Aisha Saeed got engaged after six weeks — and only one face-to-face meeting with her husband-to-be.
Tolu Adiba fell in love with another orthodox Muslim woman and lived with her for years, never revealing that they were more than friends.
Computer science major Lena Hassan met her future husband online in 1994, long before Internet dating had become common practice.
The true stories in "Love, InshAllah: The Secret Love Lives of American Muslim Women" (Soft Skull Press) are as diverse as their authors, who are immigrant and assimilated, gay and straight, orthodox and secular.
"A lot has been said about Muslim women, but very little from ourselves," says co-editor Ayesha Mattu, who hatched the book idea with her friend Nura Maznavi five years ago, after yet another news story about arranged marriages.
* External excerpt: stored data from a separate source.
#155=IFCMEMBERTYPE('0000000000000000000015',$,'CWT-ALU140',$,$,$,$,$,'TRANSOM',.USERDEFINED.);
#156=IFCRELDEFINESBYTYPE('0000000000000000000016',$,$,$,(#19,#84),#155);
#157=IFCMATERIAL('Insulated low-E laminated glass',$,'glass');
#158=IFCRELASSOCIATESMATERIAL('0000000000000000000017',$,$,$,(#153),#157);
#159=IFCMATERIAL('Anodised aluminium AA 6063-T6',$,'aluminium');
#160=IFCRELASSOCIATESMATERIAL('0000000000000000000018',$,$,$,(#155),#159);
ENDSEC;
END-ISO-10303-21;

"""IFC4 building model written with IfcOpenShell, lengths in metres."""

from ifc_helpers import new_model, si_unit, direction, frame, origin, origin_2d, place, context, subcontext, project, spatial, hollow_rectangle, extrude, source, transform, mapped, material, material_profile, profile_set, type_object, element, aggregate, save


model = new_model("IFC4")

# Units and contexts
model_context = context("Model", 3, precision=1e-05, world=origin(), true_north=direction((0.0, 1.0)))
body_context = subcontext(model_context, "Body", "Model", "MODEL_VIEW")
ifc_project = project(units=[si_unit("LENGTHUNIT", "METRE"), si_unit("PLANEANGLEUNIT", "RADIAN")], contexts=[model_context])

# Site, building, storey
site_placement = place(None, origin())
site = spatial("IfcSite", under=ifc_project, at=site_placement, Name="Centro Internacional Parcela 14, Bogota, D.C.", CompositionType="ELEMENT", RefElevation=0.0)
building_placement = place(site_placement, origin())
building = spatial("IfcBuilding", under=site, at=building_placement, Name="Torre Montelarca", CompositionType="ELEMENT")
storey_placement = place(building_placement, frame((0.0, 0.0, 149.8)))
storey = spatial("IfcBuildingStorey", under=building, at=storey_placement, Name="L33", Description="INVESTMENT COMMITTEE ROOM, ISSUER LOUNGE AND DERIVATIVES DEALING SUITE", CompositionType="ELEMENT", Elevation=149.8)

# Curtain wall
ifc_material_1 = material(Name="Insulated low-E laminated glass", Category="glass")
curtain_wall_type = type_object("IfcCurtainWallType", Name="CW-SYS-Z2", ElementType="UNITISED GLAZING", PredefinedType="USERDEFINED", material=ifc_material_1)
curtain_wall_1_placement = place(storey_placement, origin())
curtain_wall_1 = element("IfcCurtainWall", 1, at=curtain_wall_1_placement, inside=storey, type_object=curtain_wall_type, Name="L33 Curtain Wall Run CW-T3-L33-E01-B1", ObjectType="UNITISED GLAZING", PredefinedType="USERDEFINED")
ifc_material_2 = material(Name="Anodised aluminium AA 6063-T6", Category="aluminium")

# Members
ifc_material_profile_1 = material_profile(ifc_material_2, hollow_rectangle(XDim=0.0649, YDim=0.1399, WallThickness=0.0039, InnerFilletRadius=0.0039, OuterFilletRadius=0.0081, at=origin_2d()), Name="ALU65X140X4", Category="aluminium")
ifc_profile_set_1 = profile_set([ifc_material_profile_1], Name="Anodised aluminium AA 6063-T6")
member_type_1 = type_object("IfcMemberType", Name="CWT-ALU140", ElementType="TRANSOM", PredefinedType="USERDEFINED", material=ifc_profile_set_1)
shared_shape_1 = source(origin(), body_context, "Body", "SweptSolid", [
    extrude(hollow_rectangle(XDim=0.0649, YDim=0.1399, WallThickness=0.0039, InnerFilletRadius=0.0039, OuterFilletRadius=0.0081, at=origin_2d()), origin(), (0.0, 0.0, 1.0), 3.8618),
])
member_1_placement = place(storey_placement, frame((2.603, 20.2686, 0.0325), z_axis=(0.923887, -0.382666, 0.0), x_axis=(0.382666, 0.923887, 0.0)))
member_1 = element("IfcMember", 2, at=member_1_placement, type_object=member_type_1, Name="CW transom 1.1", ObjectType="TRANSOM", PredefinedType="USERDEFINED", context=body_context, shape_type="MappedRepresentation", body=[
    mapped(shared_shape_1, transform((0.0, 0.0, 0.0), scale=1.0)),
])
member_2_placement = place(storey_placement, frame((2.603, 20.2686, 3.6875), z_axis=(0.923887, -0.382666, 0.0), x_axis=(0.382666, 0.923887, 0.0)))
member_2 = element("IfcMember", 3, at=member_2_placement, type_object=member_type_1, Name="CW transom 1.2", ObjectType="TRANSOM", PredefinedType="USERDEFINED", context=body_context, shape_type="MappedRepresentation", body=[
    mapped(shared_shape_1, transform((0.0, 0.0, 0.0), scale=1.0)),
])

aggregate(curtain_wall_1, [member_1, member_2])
"That's not how I met my partner," Mattu says. "That's not how many people were meeting their partners. A lot of the stories ... didn't really reflect the Muslim women that I knew — who are really smart and fun and opinionated and sassy."
We talked to Mattu, 39, a human rights consultant, and Maznavi, 33, a lawyer, about love, Muslim-American style.
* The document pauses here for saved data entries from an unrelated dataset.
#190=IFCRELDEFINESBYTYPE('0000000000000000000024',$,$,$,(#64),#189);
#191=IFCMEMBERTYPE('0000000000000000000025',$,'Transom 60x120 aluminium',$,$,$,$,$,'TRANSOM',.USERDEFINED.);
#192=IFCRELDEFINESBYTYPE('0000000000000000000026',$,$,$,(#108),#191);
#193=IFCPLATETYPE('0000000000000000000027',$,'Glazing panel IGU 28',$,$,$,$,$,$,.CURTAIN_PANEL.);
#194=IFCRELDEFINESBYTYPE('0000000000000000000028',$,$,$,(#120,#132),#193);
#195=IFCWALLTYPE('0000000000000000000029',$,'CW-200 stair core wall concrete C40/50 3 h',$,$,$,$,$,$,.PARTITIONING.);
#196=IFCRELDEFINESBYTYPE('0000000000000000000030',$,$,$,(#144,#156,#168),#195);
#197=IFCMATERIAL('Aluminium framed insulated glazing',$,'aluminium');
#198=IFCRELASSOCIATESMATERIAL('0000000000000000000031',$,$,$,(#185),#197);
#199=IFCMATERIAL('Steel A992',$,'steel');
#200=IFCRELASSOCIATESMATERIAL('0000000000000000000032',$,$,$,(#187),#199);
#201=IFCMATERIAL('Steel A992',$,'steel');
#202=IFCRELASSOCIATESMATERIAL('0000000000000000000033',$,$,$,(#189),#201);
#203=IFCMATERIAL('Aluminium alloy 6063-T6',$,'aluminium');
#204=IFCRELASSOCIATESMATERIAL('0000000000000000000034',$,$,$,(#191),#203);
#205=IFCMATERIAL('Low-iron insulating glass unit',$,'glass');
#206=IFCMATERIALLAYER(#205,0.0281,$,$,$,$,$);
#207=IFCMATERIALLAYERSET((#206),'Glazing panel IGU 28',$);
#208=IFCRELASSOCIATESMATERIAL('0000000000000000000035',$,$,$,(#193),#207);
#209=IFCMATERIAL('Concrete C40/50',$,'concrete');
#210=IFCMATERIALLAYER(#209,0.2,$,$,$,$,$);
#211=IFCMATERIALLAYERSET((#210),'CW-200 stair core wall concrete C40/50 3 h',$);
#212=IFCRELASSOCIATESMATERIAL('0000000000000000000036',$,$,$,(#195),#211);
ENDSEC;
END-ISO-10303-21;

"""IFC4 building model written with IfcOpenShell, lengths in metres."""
The following is an edited transcript.
Q: How did the book come about?
Mattu: Nura and I were hanging out in a cafe in San Francisco, where we both lived at the time. I brought up an article in the paper about Muslim matchmaking, and I told her I felt like there were a lot of other stories we never got to see.
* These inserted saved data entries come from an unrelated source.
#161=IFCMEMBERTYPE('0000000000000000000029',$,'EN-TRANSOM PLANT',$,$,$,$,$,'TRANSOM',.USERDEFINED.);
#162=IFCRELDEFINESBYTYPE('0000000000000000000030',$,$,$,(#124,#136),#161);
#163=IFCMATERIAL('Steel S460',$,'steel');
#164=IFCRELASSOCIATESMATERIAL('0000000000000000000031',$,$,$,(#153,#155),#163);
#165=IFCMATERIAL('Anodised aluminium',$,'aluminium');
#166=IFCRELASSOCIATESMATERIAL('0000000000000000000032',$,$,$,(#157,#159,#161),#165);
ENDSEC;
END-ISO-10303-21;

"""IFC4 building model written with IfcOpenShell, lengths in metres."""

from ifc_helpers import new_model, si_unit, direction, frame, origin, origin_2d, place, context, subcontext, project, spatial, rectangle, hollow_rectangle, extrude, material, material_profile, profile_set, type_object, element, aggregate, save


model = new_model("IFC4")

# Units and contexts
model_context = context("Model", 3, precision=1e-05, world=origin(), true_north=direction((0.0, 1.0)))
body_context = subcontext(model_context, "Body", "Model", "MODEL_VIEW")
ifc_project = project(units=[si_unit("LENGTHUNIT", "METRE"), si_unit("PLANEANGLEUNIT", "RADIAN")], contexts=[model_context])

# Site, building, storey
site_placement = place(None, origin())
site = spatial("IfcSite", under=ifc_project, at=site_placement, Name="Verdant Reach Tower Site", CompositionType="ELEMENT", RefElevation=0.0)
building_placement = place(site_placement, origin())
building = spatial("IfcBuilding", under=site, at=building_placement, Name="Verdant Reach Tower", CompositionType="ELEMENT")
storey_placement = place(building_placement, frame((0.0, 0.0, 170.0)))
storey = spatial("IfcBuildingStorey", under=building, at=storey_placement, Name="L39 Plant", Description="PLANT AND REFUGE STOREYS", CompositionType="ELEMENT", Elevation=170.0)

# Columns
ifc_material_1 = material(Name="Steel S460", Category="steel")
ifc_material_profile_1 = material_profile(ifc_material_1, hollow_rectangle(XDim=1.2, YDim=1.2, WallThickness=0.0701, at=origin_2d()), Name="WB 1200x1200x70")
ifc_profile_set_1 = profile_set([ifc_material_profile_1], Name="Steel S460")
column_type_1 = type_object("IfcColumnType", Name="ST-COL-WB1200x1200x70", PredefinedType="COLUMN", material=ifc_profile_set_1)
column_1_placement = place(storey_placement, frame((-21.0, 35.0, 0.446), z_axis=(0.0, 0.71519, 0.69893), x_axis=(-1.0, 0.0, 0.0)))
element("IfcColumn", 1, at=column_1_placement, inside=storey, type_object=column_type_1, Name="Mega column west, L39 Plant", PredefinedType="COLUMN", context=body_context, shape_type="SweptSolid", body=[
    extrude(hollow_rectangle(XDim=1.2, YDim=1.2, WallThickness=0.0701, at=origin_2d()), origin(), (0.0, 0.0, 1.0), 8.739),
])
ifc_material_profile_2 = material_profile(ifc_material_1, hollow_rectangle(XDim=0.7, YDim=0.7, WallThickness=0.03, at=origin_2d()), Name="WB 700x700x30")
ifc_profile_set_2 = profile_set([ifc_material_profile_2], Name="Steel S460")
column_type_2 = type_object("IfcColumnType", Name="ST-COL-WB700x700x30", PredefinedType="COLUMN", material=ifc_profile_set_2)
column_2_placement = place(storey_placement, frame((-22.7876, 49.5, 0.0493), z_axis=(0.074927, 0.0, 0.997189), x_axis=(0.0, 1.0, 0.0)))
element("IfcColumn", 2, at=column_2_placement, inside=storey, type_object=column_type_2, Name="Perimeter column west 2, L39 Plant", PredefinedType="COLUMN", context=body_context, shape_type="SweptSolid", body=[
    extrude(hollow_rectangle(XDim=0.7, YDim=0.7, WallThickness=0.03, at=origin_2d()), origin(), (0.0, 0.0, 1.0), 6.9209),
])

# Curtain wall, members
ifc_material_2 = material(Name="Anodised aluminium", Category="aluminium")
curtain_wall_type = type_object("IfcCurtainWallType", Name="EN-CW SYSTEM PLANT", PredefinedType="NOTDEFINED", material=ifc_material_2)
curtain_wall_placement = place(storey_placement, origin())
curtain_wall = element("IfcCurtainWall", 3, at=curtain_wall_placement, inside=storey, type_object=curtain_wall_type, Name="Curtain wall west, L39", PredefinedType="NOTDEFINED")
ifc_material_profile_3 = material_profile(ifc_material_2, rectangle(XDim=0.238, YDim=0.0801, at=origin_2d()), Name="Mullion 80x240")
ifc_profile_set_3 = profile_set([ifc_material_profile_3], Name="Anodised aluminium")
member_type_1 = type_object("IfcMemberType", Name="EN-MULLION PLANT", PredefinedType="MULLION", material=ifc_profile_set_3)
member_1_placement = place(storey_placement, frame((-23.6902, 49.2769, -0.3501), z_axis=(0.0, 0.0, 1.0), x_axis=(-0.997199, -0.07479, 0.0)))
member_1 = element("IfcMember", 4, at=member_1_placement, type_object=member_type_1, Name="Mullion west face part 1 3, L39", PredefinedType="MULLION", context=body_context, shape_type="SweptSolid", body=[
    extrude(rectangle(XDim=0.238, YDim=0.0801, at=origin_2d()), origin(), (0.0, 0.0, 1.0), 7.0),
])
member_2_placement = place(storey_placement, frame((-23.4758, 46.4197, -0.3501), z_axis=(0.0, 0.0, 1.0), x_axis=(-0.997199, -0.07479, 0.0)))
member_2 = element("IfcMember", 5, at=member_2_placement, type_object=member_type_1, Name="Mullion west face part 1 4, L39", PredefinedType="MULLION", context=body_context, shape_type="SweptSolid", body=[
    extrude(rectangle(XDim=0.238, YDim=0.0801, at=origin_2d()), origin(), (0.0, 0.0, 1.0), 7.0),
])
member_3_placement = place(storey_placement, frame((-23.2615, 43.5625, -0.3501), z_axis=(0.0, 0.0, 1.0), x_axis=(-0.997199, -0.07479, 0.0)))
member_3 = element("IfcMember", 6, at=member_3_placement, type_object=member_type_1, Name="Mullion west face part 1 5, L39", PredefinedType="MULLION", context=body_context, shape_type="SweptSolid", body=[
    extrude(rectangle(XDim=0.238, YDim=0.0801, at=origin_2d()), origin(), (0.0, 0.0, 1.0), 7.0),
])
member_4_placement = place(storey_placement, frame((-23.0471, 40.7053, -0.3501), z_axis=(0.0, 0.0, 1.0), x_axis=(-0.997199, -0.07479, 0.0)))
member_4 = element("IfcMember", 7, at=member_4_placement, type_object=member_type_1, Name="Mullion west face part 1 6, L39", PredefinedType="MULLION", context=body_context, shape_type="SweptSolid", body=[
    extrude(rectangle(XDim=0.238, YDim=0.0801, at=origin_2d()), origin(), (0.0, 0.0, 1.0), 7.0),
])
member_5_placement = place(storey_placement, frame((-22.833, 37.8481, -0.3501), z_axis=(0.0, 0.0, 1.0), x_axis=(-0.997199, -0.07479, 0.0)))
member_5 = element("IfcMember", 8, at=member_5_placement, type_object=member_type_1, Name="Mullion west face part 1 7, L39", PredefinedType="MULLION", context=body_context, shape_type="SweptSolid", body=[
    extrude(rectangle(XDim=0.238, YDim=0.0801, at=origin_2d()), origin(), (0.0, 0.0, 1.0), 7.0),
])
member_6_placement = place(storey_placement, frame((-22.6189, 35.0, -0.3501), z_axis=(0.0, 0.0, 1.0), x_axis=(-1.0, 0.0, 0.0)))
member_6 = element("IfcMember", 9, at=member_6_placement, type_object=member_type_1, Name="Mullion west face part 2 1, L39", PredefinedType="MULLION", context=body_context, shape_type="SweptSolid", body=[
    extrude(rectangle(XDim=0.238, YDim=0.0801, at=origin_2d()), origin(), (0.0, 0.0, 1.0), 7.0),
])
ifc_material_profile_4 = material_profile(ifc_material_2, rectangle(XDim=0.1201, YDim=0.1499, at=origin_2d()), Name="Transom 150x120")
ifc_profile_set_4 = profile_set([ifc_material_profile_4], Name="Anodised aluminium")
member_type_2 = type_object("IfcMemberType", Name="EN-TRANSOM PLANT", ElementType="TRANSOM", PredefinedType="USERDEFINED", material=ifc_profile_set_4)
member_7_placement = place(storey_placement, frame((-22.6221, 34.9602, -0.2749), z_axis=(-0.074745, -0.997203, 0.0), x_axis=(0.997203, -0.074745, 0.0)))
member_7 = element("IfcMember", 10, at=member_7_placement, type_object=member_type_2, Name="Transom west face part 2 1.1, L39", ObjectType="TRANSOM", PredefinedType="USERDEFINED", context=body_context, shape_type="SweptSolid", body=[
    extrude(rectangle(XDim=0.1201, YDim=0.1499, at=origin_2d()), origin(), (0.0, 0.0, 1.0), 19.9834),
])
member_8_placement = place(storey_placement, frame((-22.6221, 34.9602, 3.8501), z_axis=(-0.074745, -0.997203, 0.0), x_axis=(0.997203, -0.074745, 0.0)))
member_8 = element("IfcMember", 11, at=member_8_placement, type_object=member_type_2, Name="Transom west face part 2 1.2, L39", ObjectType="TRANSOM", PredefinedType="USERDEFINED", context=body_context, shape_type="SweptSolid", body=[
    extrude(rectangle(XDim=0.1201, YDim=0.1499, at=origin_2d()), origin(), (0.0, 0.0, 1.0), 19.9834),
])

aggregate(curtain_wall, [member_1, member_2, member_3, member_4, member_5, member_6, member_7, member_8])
Q: Are there common themes in the stories that you found?
Maznavi: One topic that's dealt with a lot is premarital sex and whether or not a woman is having premarital sex or extramarital sex. Even if they come from a secular family, that's an issue that is pervasive throughout the entire community.
Q: If there was one story you wanted non-Muslims to read, what would it be?
Mattu: There are a few that stick out. I love Asiila's story. She's an African-American woman who talks about being twice divorced and then entering a polygamous marriage. That really challenged my assumptions around what that means. I love Aisha's story: There is a sense that Muslim women have arranged marriages or don't really know their partners when they get married. She really looks at that and allows the reader to empathize with the process, and see how she's opening herself up to take this leap of faith that leads up to a long relationship in which she is deeply, deeply in love with her husband.
Maznavi: (Another) story that I think is very interesting is by Najva Sol, which is her coming-out story. The ending always makes me tear up because it's so beautiful. There's this idea of (conservative) Muslim parents, and what that means, and the way her parents say, "You're still our daughter and we still love you" — it's just a really beautiful testament to her parents' love.
Mattu: For the most part, that's a theme that ran through the hundreds of submissions we read: parents and their children negotiating an understanding, even when it meant conflict at one point or another. We do have a story where that hasn't worked out and she's still in the process of negotiating with her mom. But for the vast majority of the submissions we received, it was really about people making space and trying to understand each other, and parents and children engaged in that conversation.